17 AUGUST 1895, Page 1

Lord Salisbury's speech was full of weight and of the

sense of high responsibility. After the announcement that the decision in regard to Chitral arrived at by the Govern- ment would be found to be supported by the papers which would be laid before the House on the subject, Lord Salisbury turned to Armenia. Here be used language of admonition to the Sultan stronger than we ever remember to have seen addressed by an English Prime Minister to any foreign Power. Mr. Gladstone never employed terms so menacing to the authority of the Sultan. The Sultan was afraid of having his independence impaired; but he must remember that his independence was of a very special kind, and rested on the agreement of the Powers.
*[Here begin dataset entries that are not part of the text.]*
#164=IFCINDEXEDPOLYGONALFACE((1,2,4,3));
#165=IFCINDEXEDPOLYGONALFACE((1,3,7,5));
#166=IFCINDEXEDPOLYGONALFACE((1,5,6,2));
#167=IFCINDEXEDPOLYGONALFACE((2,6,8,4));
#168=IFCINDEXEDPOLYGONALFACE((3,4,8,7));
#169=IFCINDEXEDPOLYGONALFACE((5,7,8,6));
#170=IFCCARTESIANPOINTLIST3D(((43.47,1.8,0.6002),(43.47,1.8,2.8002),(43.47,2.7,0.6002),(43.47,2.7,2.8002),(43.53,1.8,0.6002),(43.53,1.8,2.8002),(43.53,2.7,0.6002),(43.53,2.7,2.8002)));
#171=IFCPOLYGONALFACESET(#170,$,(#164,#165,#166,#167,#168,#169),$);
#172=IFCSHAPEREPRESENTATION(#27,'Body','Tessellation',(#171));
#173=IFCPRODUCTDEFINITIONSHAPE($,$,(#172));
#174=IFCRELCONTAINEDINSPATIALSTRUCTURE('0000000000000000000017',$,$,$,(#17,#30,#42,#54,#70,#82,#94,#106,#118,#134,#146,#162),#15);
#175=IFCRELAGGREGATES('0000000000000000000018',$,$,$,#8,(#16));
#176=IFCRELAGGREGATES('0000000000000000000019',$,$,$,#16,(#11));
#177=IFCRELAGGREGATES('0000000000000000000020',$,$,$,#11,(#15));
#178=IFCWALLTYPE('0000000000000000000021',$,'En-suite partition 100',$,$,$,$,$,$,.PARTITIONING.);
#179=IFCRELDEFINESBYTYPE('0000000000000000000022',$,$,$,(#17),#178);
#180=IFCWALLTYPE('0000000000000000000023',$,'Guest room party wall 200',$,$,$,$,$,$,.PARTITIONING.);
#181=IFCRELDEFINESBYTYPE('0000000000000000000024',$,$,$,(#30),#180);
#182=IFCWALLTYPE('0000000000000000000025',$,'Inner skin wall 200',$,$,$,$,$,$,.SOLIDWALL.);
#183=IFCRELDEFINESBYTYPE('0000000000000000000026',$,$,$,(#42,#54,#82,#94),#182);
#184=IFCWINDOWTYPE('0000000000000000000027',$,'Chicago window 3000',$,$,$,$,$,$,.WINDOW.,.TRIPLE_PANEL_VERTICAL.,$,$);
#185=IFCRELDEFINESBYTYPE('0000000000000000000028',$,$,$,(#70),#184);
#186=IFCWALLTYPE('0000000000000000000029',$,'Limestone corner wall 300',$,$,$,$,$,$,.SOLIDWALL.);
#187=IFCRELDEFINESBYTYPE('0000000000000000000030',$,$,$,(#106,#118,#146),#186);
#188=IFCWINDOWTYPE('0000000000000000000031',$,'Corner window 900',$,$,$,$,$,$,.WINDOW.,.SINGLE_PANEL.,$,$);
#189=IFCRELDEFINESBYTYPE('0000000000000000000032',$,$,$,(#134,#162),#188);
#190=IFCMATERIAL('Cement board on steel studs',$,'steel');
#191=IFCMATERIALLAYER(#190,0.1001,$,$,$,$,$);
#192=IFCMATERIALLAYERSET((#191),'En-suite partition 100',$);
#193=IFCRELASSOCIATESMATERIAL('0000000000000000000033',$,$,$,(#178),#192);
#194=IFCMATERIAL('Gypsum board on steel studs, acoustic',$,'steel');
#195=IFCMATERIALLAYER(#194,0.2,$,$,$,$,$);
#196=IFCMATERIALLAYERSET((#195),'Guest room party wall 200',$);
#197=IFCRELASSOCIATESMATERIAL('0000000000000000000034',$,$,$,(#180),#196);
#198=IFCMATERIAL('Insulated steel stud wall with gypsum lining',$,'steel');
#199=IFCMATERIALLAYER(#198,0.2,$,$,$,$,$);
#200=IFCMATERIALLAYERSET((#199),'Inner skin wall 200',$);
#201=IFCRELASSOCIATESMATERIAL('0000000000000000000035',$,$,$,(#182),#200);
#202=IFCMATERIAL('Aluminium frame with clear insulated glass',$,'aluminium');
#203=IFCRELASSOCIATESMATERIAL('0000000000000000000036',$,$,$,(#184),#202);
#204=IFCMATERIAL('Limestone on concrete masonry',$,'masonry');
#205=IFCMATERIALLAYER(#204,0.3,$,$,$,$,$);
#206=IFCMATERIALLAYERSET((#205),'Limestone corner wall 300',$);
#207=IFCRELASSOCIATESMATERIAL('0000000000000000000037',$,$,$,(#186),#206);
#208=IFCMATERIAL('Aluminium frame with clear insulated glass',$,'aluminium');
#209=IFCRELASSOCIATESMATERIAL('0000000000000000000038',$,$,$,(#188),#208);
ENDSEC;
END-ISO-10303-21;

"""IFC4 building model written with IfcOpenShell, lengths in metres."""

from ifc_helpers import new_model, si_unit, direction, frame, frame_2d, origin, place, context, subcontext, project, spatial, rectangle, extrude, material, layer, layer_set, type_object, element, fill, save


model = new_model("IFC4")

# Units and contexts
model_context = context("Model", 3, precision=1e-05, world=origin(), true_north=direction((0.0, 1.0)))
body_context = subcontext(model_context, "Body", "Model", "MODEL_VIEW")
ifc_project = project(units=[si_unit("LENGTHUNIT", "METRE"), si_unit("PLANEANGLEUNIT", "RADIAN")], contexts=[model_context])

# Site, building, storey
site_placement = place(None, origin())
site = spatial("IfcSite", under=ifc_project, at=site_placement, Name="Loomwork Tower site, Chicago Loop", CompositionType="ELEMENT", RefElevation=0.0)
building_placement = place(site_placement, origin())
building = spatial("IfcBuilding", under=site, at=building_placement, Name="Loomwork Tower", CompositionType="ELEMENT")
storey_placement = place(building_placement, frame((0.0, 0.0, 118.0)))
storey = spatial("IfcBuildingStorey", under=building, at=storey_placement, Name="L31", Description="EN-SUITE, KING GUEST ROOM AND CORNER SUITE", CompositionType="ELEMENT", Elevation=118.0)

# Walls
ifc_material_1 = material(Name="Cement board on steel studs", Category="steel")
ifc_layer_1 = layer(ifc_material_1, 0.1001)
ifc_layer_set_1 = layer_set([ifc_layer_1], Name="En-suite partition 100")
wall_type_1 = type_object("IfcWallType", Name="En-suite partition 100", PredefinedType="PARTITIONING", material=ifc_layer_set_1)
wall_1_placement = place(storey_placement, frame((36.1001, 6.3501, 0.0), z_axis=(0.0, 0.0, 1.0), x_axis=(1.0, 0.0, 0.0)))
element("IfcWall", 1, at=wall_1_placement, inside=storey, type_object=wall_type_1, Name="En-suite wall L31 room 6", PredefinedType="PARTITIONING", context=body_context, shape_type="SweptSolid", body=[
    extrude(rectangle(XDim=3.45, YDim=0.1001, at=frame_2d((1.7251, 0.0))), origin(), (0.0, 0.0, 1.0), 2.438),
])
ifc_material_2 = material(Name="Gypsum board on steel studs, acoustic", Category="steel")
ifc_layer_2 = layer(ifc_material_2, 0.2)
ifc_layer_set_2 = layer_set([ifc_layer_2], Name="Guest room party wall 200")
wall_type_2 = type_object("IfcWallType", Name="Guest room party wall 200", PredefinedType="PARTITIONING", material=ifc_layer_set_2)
But the Powers felt that there was a danger lest, in giving this artificial stability to Turkey, "they should be upholding a mechanism which did not work for human happiness and progress." "How long," continued Lord Salisbury, "the present state of things will go on, I confess appears to me more doubtful than it did twenty years ago If generation after genera- tion cries of misery come up from various parts of the Turkish Empire, 1 am sure the Sultan cannot blind himself to the probability that Europe will at some time or other become weary of the appeals that are made to it and the factitious strength that is given to his Empire will fail it." As if this were not enough, the Prime Minister concluded, "the Sultan will make a grave and calamitous mistake if, for the sake of maintaining a mere formal independence, for the sake of resisting a possible encroachment on his nominal prerogatives, he refuses to accept the assistance and to listen to the advice of the European Powers in extirpating from his dominions an anarchy and a weakness which no treaties and no sympathy will prevent from being fatal in the long run to the Empire over which he rules." We cannot exaggerate our satisfaction with Lord Salisbury's words. They are worthy of the English Government, and unless the Sultan is absolutely determined on working his own ruin, they should produce the desired effect.